Jeanri-Tine van Zyl: On drinking buddies

I can’t be friends with anyone who doesn’t drink. This is not a comfortable confession to make. Even an attempt at refining the admission – I can’t be friends with anyone who doesn’t drink wine – falls desperately short of portraying myself as someone who values people for more than just their ability to clink glasses with me.

However, when I say I can’t be friends with someone who doesn’t drink, I’m not saying I can’t be friends with anyone whose main goal isn’t to get sloshed. What I am saying is that you not drinking will put me in a socially awkward position which I prefer to avoid.

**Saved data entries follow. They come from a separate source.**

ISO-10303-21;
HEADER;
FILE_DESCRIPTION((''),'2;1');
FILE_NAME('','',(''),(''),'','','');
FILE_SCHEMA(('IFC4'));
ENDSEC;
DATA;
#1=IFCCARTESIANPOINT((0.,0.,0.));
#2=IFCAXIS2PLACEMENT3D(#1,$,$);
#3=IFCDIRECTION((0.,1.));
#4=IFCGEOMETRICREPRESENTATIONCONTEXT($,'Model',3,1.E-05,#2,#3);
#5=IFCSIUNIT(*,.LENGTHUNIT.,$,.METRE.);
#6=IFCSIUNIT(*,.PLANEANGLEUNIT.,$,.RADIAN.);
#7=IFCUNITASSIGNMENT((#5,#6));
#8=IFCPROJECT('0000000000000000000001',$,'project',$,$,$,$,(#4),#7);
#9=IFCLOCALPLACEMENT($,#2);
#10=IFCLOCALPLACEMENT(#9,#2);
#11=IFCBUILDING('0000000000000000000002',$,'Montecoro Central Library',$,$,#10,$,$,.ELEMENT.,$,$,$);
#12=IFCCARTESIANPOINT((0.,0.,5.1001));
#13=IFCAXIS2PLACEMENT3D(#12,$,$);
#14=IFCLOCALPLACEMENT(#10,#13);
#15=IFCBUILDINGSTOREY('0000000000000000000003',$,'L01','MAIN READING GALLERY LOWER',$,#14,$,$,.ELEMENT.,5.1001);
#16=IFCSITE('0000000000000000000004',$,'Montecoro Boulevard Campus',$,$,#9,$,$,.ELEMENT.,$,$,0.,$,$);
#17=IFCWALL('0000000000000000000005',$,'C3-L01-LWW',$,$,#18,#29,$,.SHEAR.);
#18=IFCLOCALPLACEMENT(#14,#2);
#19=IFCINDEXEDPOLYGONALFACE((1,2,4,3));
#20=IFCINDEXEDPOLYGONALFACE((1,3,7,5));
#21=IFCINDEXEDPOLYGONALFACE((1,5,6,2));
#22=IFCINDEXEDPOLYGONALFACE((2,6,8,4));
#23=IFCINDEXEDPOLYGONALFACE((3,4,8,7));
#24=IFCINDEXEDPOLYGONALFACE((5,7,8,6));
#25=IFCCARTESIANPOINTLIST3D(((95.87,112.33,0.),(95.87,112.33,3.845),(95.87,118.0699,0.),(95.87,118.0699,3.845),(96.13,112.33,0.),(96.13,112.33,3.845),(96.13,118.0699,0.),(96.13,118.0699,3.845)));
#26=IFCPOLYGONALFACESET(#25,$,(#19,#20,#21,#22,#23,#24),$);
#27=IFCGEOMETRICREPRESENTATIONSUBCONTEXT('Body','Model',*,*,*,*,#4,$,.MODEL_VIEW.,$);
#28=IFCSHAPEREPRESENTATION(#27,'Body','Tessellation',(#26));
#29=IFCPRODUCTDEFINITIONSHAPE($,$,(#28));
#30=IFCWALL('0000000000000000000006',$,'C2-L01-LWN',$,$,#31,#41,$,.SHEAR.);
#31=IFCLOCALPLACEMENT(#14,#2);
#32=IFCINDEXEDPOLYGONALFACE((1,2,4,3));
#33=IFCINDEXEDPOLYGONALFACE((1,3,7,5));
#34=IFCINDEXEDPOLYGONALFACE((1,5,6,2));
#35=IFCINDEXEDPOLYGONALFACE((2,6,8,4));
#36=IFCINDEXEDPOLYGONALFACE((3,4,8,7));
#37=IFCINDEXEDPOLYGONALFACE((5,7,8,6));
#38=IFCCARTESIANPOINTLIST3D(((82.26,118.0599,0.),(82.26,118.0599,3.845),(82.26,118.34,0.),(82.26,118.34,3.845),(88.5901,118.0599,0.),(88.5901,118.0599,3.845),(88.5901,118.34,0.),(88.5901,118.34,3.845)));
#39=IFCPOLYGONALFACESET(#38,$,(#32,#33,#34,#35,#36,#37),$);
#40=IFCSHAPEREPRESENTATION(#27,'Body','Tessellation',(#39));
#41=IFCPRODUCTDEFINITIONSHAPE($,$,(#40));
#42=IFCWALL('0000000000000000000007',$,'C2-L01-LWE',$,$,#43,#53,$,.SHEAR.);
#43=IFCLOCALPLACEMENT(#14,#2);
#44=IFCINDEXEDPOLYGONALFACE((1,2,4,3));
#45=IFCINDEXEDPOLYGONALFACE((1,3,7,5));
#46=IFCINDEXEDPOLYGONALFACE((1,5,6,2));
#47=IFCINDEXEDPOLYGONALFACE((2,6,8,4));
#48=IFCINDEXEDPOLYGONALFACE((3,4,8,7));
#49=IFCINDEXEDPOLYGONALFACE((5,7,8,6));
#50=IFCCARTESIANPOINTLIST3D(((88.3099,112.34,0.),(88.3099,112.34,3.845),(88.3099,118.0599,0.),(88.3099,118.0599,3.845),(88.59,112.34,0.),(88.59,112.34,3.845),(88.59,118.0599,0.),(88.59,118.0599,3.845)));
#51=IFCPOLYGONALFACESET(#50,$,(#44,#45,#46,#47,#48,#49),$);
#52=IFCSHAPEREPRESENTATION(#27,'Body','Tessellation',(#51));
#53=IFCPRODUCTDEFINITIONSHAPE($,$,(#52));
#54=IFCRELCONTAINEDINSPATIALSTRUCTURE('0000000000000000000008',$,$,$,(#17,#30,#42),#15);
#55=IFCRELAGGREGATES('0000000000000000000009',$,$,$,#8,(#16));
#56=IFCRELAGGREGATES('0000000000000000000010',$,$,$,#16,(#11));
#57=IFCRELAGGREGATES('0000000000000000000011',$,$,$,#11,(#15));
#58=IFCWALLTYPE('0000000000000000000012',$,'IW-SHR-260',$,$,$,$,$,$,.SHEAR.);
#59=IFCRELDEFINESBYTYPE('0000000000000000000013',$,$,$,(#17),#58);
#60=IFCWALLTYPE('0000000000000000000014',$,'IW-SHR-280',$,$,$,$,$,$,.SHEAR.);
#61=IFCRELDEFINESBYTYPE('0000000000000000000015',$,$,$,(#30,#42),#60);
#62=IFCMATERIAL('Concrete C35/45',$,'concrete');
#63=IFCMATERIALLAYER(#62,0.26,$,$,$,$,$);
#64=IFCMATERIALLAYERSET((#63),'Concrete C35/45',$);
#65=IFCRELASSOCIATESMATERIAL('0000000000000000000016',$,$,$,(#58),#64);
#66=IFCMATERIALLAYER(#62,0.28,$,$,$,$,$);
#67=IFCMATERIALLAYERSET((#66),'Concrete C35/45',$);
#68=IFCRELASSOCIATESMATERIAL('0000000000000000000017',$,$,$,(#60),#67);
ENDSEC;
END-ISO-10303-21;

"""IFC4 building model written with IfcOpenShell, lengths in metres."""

from ifc_helpers import new_model, si_unit, direction, frame, frame_2d, origin, place, context, subcontext, project, spatial, rectangle, extrude, material, layer, layer_set, type_object, element, save


model = new_model("IFC4")

# Units and contexts
model_context = context("Model", 3, precision=1e-05, world=origin(), true_north=direction((0.0, 1.0)))
body_context = subcontext(model_context, "Body", "Model", "MODEL_VIEW")
ifc_project = project(units=[si_unit("LENGTHUNIT", "METRE"), si_unit("PLANEANGLEUNIT", "RADIAN")], contexts=[model_context])

# Site, building, storey
site_placement = place(None, origin())
site = spatial("IfcSite", under=ifc_project, at=site_placement, Name="Montecoro Boulevard Campus", CompositionType="ELEMENT", RefElevation=0.0)
building_placement = place(site_placement, origin())
building = spatial("IfcBuilding", under=site, at=building_placement, Name="Montecoro Central Library", CompositionType="ELEMENT")
storey_placement = place(building_placement, frame((0.0, 0.0, 5.1001)))
storey = spatial("IfcBuildingStorey", under=building, at=storey_placement, Name="L01", Description="MAIN READING GALLERY LOWER", CompositionType="ELEMENT", Elevation=5.1001)

# Shared definitions
ifc_material_1 = material(Name="Concrete C35/45", Category="concrete")
ifc_layer_1 = layer(ifc_material_1, 0.26)
ifc_layer_set_1 = layer_set([ifc_layer_1], Name="Concrete C35/45")
wall_type_1 = type_object("IfcWallType", Name="IW-SHR-260", PredefinedType="SHEAR", material=ifc_layer_set_1)

# Walls
wall_1_placement = place(storey_placement, frame((96.0, 118.0701, 0.0), z_axis=(0.0, 0.0, 1.0), x_axis=(0.0, -1.0, 0.0)))
element("IfcWall", 1, at=wall_1_placement, inside=storey, type_object=wall_type_1, Name="C3-L01-LWW", PredefinedType="SHEAR", context=body_context, shape_type="SweptSolid", body=[
    extrude(rectangle(XDim=5.74, YDim=0.26, at=frame_2d((2.8701, 0.0))), origin(), (0.0, 0.0, 1.0), 3.845),
])
ifc_layer_2 = layer(ifc_material_1, 0.28)
ifc_layer_set_2 = layer_set([ifc_layer_2], Name="Concrete C35/45")
wall_type_2 = type_object("IfcWallType", Name="IW-SHR-280", PredefinedType="SHEAR", material=ifc_layer_set_2)
wall_2_placement = place(storey_placement, frame((88.5901, 118.2, 0.0), z_axis=(0.0, 0.0, 1.0), x_axis=(-1.0, 0.0, 0.0)))
element("IfcWall", 2, at=wall_2_placement, inside=storey, type_object=wall_type_2, Name="C2-L01-LWN", PredefinedType="SHEAR", context=body_context, shape_type="SweptSolid", body=[
    extrude(rectangle(XDim=6.3301, YDim=0.28, at=frame_2d((3.165, 0.0))), origin(), (0.0, 0.0, 1.0), 3.845),
])
wall_3_placement = place(storey_placement, frame((88.45, 112.3401, 0.0), z_axis=(0.0, 0.0, 1.0), x_axis=(0.0, 1.0, 0.0)))
element("IfcWall", 3, at=wall_3_placement, inside=storey, type_object=wall_type_2, Name="C2-L01-LWE", PredefinedType="SHEAR", context=body_context, shape_type="SweptSolid", body=[
    extrude(rectangle(XDim=5.72, YDim=0.28, at=frame_2d((2.8599, 0.0))), origin(), (0.0, 0.0, 1.0), 3.845),
])

save(model, "model.ifc")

Exempli gratia: I was invited to the first birthday party of my friend’s daughter. The mothers at the event were reaching for their Bonaquas while I was swirling brandy in my tumbler. To them I was the “it’s not even noon” guest, when I was merely the guest who could appreciate a fine brandy – a KWV 15 Year Old, to be precise. I was the guest who was acting in accordance to her profession. You aren’t going to invite an interior decorator to your home and expect him not to fluff the pillows, are you?

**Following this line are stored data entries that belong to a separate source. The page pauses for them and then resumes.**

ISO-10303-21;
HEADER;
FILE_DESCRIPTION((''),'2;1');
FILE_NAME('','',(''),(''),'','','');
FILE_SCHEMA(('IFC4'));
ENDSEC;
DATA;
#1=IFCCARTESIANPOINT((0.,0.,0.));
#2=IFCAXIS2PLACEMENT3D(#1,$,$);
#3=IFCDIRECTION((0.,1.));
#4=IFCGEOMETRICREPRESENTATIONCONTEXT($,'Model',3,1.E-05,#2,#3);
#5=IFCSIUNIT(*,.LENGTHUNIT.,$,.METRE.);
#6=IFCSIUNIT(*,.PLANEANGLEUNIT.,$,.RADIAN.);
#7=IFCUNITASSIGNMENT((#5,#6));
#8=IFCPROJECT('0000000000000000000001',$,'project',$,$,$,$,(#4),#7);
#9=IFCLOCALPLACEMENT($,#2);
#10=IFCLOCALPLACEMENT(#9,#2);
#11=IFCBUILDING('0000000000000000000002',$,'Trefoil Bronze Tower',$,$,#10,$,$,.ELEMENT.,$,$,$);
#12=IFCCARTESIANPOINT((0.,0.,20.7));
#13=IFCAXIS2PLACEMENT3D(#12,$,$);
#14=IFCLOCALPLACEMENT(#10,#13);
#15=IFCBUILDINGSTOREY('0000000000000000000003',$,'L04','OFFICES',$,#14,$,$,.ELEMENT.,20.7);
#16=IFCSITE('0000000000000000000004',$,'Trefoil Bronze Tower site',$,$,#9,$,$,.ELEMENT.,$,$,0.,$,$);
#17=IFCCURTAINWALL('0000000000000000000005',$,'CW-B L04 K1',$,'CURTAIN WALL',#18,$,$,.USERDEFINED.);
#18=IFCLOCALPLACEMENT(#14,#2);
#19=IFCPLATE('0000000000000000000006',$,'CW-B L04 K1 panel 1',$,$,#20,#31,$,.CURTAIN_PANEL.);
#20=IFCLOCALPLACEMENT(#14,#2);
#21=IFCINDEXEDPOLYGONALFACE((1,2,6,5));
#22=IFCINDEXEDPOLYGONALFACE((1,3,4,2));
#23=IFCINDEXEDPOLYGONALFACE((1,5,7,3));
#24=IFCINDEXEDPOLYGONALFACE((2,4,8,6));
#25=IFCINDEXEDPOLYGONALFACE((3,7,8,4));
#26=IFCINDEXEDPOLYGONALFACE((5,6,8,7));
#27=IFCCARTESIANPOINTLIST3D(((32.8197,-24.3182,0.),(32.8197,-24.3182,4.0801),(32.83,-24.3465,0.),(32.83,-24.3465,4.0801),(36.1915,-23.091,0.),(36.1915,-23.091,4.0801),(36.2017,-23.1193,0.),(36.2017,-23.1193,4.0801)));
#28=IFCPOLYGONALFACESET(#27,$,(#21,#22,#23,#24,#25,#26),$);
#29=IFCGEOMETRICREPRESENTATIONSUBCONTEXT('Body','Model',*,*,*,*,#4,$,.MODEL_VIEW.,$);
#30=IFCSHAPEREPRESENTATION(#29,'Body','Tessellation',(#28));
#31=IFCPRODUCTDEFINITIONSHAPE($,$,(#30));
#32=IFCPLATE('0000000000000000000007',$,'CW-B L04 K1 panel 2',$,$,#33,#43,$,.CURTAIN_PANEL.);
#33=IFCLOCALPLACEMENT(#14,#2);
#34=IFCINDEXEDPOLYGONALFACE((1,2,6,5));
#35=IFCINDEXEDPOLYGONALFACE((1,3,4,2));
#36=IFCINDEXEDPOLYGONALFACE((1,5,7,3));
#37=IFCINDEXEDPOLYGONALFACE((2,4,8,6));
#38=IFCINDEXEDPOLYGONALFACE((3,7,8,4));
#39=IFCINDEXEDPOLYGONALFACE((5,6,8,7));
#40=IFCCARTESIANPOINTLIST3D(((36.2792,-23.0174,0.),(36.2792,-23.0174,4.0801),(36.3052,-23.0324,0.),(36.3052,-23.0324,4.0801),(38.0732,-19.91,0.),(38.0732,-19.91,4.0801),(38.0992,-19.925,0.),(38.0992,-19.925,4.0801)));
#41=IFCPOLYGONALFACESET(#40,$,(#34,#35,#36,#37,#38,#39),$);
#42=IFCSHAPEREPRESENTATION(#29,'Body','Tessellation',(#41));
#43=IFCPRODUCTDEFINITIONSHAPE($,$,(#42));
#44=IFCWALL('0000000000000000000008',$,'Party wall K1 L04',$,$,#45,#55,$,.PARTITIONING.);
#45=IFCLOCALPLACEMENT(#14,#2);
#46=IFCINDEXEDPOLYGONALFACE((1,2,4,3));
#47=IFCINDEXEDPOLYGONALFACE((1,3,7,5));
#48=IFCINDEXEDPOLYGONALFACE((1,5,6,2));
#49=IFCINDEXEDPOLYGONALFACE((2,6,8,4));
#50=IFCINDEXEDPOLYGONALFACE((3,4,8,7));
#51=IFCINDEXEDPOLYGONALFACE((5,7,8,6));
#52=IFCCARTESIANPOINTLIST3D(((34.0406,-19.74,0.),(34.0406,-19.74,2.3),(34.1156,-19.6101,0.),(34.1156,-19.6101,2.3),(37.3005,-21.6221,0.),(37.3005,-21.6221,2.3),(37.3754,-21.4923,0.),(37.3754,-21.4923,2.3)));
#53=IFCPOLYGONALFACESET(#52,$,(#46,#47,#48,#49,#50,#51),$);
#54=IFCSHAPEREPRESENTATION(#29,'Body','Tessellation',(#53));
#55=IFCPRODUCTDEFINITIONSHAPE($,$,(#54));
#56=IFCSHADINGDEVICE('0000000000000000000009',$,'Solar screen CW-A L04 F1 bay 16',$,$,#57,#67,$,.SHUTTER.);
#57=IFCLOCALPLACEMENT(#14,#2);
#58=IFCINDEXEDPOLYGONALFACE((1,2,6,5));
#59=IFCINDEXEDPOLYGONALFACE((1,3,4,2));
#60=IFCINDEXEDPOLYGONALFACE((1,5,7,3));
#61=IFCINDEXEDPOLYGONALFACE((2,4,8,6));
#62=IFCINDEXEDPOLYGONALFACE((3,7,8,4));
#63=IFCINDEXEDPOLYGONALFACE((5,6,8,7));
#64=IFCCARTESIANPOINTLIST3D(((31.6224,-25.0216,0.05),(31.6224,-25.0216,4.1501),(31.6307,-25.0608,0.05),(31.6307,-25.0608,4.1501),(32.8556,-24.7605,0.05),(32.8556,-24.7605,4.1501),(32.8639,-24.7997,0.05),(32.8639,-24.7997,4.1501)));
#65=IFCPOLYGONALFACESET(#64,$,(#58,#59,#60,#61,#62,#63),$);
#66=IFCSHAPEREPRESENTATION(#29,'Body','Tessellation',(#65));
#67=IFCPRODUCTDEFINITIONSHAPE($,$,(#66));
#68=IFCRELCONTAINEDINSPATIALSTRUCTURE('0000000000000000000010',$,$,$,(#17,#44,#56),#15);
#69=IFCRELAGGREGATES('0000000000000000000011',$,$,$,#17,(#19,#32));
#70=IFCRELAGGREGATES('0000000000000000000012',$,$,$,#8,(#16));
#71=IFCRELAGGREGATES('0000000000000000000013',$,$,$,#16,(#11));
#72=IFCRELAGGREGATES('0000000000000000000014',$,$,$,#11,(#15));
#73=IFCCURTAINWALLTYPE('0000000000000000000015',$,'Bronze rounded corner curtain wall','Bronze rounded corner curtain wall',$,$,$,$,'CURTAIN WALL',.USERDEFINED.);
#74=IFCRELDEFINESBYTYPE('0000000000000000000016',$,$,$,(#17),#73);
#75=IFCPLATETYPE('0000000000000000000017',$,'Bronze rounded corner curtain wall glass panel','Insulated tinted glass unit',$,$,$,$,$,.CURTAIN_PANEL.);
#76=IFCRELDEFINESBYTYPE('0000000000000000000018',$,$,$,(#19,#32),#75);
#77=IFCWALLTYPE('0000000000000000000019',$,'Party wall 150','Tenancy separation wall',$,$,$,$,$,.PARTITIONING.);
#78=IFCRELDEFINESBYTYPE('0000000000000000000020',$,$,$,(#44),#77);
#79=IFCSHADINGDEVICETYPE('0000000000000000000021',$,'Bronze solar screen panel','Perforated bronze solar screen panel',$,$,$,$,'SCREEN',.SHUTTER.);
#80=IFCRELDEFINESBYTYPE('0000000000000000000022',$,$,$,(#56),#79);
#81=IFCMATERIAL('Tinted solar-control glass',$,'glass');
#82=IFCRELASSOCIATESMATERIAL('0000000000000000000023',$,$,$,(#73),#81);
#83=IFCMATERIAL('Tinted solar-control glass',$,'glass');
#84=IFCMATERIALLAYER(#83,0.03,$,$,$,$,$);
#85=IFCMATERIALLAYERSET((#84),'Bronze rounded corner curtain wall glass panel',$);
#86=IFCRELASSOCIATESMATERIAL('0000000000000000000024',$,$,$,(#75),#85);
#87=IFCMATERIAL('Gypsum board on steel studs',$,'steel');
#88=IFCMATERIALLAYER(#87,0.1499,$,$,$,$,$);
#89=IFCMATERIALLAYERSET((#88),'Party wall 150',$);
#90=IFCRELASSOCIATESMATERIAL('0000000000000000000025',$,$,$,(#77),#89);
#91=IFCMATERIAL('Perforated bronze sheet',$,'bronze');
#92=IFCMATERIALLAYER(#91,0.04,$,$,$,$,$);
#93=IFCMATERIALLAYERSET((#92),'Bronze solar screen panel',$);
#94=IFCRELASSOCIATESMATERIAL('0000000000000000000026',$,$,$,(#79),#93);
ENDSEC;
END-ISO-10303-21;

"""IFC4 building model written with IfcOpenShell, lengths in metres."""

from ifc_helpers import new_model, si_unit, direction, frame, frame_2d, origin, origin_2d, place, context, subcontext, project, spatial, rectangle, extrude, material, layer, layer_set, type_object, element, aggregate, save


model = new_model("IFC4")

# Units and contexts
model_context = context("Model", 3, precision=1e-05, world=origin(), true_north=direction((0.0, 1.0)))
body_context = subcontext(model_context, "Body", "Model", "MODEL_VIEW")
ifc_project = project(units=[si_unit("LENGTHUNIT", "METRE"), si_unit("PLANEANGLEUNIT", "RADIAN")], contexts=[model_context])

# Site, building, storey
site_placement = place(None, origin())
site = spatial("IfcSite", under=ifc_project, at=site_placement, Name="Trefoil Bronze Tower site", CompositionType="ELEMENT", RefElevation=0.0)
building_placement = place(site_placement, origin())
building = spatial("IfcBuilding", under=site, at=building_placement, Name="Trefoil Bronze Tower", CompositionType="ELEMENT")
storey_placement = place(building_placement, frame((0.0, 0.0, 20.7)))
storey = spatial("IfcBuildingStorey", under=building, at=storey_placement, Name="L04", Description="OFFICES", CompositionType="ELEMENT", Elevation=20.7)

# Curtain wall
ifc_material_1 = material(Name="Tinted solar-control glass", Category="glass")
curtain_wall_type_1 = type_object("IfcCurtainWallType", Name="Bronze rounded corner curtain wall", Description="Bronze rounded corner curtain wall", ElementType="CURTAIN WALL", PredefinedType="USERDEFINED", material=ifc_material_1)
curtain_wall_1_placement = place(storey_placement, origin())
curtain_wall_1 = element("IfcCurtainWall", 1, at=curtain_wall_1_placement, inside=storey, type_object=curtain_wall_type_1, Name="CW-B L04 K1", ObjectType="CURTAIN WALL", PredefinedType="USERDEFINED")

# Plates
ifc_material_2 = material(Name="Tinted solar-control glass", Category="glass")
ifc_layer_1 = layer(ifc_material_2, 0.03)
ifc_layer_set_1 = layer_set([ifc_layer_1], Name="Bronze rounded corner curtain wall glass panel")
plate_type_1 = type_object("IfcPlateType", Name="Bronze rounded corner curtain wall glass panel", Description="Insulated tinted glass unit", PredefinedType="CURTAIN_PANEL", material=ifc_layer_set_1)
plate_1_placement = place(storey_placement, frame((34.5107, -23.7188, 0.0), z_axis=(0.0, 0.0, 1.0), x_axis=(0.939693, 0.34202, 0.0)))
plate_1 = element("IfcPlate", 2, at=plate_1_placement, type_object=plate_type_1, Name="CW-B L04 K1 panel 1", PredefinedType="CURTAIN_PANEL", context=body_context, shape_type="SweptSolid", body=[
    extrude(rectangle(XDim=3.5881, YDim=0.03, at=origin_2d()), origin(), (0.0, 0.0, 1.0), 4.0801),
])
plate_2_placement = place(storey_placement, frame((37.1892, -21.4712, 0.0), z_axis=(0.0, 0.0, 1.0), x_axis=(0.5, 0.866025, 0.0)))
plate_2 = element("IfcPlate", 3, at=plate_2_placement, type_object=plate_type_1, Name="CW-B L04 K1 panel 2", PredefinedType="CURTAIN_PANEL", context=body_context, shape_type="SweptSolid", body=[
    extrude(rectangle(XDim=3.5881, YDim=0.03, at=origin_2d()), origin(), (0.0, 0.0, 1.0), 4.0801),
])
aggregate(curtain_wall_1, [plate_1, plate_2])

# Wall
ifc_material_3 = material(Name="Gypsum board on steel studs", Category="steel")
ifc_layer_2 = layer(ifc_material_3, 0.1499)
ifc_layer_set_2 = layer_set([ifc_layer_2], Name="Party wall 150")
wall_type = type_object("IfcWallType", Name="Party wall 150", Description="Tenancy separation wall", PredefinedType="PARTITIONING", material=ifc_layer_set_2)
wall_placement = place(storey_placement, frame((34.0781, -19.675, 0.0), z_axis=(0.0, 0.0, 1.0), x_axis=(0.866019, -0.500011, 0.0)))
element("IfcWall", 4, at=wall_placement, inside=storey, type_object=wall_type, Name="Party wall K1 L04", PredefinedType="PARTITIONING", context=body_context, shape_type="SweptSolid", body=[
    extrude(rectangle(XDim=3.7642, YDim=0.1499, at=frame_2d((1.8821, 0.0))), origin(), (0.0, 0.0, 1.0), 2.3),
])

# Shading device
ifc_material_4 = material(Name="Perforated bronze sheet", Category="bronze")
ifc_layer_3 = layer(ifc_material_4, 0.04)
ifc_layer_set_3 = layer_set([ifc_layer_3], Name="Bronze solar screen panel")
shading_device_type = type_object("IfcShadingDeviceType", Name="Bronze solar screen panel", Description="Perforated bronze solar screen panel", ElementType="SCREEN", PredefinedType="SHUTTER", material=ifc_layer_set_3)
shading_device_placement = place(storey_placement, frame((32.2432, -24.9106, 0.05), z_axis=(0.0, 0.0, 1.0), x_axis=(0.978303, 0.207181, 0.0)))
element("IfcShadingDevice", 5, at=shading_device_placement, inside=storey, type_object=shading_device_type, Name="Solar screen CW-A L04 F1 bay 16", PredefinedType="SHUTTER", context=body_context, shape_type="SweptSolid", body=[
    extrude(rectangle(XDim=1.2605, YDim=0.04, at=origin_2d()), origin(), (0.0, 0.0, 1.0), 4.1001),
])

save(model, "model.ifc")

When you are the only person at a table sipping at a glass of Chardonnay, you do tend to question your affinity for alcohol. Why can’t I go without? Why can’t I order sparkling water like my friend? Could it be that I’m a ‘dependent’?  It’s not a pleasant feeling, and it’s not unpleasant because if the answers to these questions seem to have any negative connotations, it’s quite the opposite. I hate to justify the fact that I really enjoy engaging intellectually with wine, that the intoxicating effect I seek is a wine’s sensory appeal and not a wine’s effect on my bloodstream (although who doesn’t love that pleasant glow?).

This past Saturday I was reminded exactly how satisfying it is when you are surrounded by people who drink.  I was at a dinner party where the host generously treated us to a collection of Sauvignon Blancs from Cape Agulhas producer Lomond for a vertical tasting.  The wines, Lomond Pincushion (2007, 2010 and 2012) as well as Lomond Sugarbush (2007, 2010 and 2012) were lined-up and tasted by a group of women with a reciprocal appreciation for wine:

Winemaking friend: “Definitely hints of sweaty feet. I love it.”
Another friend: “It’s still remarkably fresh on the palate.”
Host: “I love that minerality.”
Me: “Oooh, and that saline finish.”
Another friend: “Is this the Sugarbush ’07?”
Winemaking friend: “I would guess it is much younger.”
Host’s mother: “Hierdie is ‘n lekker wyn, hoor.”

And so it went, a full-on intellectual and non-judgemental engagement with wine. It’s the best feeling in the world; not necessarily the decadent pleasure of tasting (and then drinking) six interesting wines, but for the sense of belonging that it brings.

Me: “Now who would like a taste of De Trafford Chenin Blanc 1999?” (A collective “Me” from the group).

I can’t be friends with anyone who doesn’t drink. Does that make me a ‘dependent’? I certainly hope so.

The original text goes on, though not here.